= Suzanne Haïk-Vantoura =

French musician (1912–2000)

Suzanne Haïk-Vantoura (née Vantoura; 13 July 1912 – 22 October 2000) was a French organist, music teacher, composer and music theorist. Her main work was in the field of musicology.

==Personal life==

Vantoura was born in Paris on 13 July 1912. In 1931 Vantoura started studying at Conservatoire National Supérieur de Paris, (CNSMDP), and in 1934 earned a First Prize in Harmony. Four years later, she was awarded a First Prize in Fugue (1938). She was a pupil of the well-known organist and composer Marcel Dupré from 1941 to 1946.
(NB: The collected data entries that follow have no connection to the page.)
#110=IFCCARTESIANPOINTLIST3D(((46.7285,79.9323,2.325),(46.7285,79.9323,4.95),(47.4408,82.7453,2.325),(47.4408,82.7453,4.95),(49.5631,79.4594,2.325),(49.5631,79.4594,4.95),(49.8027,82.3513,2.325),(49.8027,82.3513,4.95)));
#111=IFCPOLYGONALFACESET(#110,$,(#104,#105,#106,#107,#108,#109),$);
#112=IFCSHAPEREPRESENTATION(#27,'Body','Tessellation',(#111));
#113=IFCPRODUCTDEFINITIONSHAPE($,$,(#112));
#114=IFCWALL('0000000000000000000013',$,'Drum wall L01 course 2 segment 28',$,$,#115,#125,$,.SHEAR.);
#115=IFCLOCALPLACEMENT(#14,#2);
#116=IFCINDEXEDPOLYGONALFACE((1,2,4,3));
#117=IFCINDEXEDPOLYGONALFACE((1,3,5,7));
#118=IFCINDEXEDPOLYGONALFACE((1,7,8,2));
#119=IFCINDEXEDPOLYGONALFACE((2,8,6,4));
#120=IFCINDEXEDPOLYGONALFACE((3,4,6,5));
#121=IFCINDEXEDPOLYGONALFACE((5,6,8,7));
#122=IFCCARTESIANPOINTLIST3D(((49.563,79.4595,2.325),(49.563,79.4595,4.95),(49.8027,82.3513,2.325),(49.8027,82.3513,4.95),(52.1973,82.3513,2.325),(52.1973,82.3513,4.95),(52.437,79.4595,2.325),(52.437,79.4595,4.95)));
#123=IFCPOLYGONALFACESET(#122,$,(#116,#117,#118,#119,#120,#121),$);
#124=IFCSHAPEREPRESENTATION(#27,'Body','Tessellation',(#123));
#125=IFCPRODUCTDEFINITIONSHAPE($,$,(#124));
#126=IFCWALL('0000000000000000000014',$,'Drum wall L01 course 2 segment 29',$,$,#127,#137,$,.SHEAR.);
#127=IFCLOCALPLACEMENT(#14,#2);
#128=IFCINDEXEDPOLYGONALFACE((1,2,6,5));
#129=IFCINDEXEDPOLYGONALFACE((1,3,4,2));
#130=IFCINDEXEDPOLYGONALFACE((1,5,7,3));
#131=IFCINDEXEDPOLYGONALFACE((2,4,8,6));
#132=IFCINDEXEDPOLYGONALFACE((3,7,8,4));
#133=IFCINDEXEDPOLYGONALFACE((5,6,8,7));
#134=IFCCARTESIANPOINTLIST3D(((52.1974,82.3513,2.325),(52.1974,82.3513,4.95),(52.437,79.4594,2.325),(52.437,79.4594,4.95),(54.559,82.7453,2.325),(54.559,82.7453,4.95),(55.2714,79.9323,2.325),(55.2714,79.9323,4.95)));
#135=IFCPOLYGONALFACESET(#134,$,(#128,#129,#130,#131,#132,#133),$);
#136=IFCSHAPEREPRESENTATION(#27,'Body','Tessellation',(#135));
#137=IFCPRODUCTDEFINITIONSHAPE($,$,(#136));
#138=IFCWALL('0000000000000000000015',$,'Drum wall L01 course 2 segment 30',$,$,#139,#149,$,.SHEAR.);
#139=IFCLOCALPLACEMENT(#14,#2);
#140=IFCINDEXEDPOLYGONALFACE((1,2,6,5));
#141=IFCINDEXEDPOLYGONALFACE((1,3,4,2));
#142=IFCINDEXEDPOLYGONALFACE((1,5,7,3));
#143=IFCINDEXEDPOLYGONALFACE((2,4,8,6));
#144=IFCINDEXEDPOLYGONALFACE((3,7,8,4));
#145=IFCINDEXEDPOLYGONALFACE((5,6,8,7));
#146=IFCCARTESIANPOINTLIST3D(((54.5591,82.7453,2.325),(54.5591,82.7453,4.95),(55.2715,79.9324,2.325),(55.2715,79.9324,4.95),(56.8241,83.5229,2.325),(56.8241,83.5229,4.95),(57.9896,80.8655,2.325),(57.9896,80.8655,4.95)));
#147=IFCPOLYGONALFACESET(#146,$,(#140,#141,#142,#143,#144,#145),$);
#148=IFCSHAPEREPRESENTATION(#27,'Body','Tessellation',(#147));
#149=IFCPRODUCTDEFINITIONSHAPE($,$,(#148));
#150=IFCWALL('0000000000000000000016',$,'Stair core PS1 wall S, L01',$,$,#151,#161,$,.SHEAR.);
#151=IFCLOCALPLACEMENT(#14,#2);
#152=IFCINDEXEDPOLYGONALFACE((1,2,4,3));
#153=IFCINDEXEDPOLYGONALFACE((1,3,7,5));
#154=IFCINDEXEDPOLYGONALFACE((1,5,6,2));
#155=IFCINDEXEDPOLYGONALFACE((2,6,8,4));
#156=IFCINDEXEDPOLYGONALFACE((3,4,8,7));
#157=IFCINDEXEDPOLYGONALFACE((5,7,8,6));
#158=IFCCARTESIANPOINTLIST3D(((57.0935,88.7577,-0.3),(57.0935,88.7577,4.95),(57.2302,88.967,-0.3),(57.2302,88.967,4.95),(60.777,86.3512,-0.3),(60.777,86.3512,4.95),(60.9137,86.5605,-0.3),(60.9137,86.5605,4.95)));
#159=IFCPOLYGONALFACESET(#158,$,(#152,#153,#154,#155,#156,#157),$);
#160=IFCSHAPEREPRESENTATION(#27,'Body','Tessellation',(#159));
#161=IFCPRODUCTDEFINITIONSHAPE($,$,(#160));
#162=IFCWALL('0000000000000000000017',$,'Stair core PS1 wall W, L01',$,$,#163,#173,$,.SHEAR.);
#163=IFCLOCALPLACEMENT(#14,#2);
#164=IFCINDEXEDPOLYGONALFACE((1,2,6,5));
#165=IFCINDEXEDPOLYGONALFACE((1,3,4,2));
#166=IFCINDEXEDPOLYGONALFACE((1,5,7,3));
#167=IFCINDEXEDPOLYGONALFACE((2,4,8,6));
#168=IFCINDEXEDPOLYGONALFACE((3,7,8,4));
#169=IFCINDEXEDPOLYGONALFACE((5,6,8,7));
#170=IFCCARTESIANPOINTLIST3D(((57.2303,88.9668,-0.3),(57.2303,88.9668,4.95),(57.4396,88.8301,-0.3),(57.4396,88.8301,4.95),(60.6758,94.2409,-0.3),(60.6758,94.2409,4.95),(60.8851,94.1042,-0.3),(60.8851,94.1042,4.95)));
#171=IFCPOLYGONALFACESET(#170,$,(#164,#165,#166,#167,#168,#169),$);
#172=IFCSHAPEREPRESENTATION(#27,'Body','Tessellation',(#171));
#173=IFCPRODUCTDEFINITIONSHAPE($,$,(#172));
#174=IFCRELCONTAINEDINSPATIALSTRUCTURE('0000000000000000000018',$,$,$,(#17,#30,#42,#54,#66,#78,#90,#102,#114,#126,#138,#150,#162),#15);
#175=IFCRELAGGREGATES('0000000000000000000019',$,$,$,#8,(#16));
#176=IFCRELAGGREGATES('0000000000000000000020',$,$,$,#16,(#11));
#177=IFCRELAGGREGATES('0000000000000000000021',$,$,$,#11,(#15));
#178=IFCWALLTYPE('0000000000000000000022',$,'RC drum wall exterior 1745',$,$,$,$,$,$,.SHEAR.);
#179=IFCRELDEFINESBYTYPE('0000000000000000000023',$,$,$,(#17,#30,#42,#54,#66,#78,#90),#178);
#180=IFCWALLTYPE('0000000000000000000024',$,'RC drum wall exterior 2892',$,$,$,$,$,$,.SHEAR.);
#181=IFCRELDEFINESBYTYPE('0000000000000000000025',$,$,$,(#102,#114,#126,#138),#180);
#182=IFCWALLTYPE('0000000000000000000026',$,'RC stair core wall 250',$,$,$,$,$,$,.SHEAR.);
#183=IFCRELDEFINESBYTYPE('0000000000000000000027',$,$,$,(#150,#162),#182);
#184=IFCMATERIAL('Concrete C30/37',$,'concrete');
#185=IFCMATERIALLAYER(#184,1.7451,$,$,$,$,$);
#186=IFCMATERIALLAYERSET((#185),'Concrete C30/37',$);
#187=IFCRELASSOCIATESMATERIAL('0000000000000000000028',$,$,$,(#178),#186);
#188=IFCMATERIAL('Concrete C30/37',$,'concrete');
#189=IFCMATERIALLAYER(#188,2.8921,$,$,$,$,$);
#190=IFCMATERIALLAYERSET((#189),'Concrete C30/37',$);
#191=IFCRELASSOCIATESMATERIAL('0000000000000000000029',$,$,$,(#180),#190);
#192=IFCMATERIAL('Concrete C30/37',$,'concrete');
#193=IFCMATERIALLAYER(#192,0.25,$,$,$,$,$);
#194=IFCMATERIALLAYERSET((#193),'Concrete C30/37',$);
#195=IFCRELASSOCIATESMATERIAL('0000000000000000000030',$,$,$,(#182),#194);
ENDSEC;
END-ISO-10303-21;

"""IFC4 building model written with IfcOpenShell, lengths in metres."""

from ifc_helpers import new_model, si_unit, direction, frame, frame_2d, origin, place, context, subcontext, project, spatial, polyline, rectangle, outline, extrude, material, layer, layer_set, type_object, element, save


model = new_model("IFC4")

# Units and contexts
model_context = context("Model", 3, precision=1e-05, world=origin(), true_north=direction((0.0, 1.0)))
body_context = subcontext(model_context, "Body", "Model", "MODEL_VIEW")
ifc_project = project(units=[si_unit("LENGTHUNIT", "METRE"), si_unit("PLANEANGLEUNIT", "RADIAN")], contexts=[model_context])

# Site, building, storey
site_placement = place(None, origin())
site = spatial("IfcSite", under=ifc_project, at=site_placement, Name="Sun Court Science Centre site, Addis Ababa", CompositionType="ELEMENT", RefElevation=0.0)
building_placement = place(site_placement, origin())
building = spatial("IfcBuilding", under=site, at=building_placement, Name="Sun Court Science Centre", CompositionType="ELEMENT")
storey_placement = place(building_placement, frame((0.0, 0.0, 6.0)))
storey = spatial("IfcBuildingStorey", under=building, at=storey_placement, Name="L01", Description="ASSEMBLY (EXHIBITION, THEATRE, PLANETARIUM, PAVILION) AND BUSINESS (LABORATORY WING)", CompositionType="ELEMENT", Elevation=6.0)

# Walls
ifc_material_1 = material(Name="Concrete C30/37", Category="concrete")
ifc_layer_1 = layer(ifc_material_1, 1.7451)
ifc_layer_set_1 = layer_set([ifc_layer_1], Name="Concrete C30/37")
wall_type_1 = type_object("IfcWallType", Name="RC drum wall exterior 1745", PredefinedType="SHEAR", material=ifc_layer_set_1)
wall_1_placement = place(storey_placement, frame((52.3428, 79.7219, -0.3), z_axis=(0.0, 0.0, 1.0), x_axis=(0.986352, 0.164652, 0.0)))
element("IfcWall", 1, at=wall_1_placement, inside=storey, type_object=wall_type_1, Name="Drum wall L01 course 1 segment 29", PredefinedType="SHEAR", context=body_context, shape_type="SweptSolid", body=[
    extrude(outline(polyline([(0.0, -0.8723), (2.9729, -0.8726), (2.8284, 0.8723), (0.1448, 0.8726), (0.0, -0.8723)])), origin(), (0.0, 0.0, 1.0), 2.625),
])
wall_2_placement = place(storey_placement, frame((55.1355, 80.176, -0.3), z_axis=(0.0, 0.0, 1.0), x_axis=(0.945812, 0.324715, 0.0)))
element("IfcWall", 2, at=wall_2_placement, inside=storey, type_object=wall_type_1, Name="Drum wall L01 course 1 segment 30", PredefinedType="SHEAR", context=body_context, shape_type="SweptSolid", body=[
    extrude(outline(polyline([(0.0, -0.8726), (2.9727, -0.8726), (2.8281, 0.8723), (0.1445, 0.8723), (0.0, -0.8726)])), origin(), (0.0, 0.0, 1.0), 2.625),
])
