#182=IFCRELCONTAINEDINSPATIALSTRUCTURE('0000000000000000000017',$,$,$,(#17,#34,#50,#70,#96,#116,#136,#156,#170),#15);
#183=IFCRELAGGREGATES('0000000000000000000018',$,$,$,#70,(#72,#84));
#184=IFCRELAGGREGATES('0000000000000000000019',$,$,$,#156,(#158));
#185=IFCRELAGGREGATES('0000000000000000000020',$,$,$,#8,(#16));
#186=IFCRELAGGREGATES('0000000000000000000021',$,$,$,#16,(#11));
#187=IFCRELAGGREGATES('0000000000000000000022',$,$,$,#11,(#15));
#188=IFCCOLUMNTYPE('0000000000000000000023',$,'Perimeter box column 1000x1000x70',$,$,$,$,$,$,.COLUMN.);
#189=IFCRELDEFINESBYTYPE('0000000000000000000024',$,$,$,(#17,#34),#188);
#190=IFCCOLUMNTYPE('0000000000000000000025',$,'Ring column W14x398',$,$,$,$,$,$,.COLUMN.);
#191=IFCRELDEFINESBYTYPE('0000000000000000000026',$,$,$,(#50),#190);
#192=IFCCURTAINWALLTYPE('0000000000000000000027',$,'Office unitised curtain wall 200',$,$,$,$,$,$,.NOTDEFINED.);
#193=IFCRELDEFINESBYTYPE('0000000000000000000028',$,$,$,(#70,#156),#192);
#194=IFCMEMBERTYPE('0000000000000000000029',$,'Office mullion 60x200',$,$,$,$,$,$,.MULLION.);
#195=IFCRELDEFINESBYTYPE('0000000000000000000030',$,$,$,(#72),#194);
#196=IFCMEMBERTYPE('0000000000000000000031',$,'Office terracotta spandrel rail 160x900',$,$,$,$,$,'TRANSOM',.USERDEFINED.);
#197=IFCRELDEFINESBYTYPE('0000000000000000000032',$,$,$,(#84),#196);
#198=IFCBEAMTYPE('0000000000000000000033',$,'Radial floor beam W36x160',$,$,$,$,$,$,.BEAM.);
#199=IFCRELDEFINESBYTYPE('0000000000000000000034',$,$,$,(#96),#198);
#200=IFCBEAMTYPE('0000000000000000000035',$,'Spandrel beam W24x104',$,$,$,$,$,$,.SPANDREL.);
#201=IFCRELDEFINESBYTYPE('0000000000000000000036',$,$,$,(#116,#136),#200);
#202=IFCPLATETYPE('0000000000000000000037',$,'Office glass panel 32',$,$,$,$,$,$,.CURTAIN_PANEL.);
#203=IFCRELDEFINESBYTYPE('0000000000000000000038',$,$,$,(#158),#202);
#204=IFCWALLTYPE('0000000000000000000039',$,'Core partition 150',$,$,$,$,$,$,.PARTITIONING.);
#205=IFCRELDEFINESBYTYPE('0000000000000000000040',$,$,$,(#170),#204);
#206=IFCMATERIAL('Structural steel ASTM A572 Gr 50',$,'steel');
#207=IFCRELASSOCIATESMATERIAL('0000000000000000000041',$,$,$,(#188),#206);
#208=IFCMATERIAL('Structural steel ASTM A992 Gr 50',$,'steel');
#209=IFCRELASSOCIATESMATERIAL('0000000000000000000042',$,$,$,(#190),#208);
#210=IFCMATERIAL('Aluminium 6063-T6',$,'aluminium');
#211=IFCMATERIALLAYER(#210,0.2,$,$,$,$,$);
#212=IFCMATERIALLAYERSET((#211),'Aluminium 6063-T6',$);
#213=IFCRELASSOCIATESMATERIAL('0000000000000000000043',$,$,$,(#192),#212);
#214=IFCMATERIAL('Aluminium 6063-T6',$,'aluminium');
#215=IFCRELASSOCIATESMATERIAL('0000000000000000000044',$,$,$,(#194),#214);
During World War II, Vantoura and her family fled from the Nazis to southern France. There she studied the cantillation marks (also melodic accents or ta'amim), in the Hebrew Bible (Masoretic Text), forming the basic hypothesis of her system for decoding the Masoretic cantillation. After the war she put aside this work and did not resume it until, after her retirement in 1970, she finally published her system in La Musique de la Bible revélée (1st ed.: 1976). She died on 22 October 2000 in Lausanne, Switzerland at the age of 88. Her husband Maurice Haïk had died in 1976. The couple had no children.

==Career==
She was Honorary professor of music education (1937–61).
She was organist at the Synagogue de l'Union liberale Israelite de Paris (1946–53) and organist at the Église Saint-Hélène in Paris (1966–79).

===Compositions===
- Quatuor florentin, 1942
- Un beau dimanche, 1957
- Destin d'Israël, 1964
- Versets de psaumes, 1968
- Offrande, 1970
- Adagio for saxophone and organ, 1976

==Music of the Bible Revealed==
Music of the Bible Revealed was her magnum opus; a massive work covering the entire Hebrew Bible, decoding the cantillation marks (as musical notes which support the syntax and meaning of the words) of its 24 books, to music.

===Study===
Haïk-Vantoura argues that the accentual system preserved in the Masoretic Text was originally a method of recording hand signals ("chironomy") by which temple musicians were directed in the performance of music.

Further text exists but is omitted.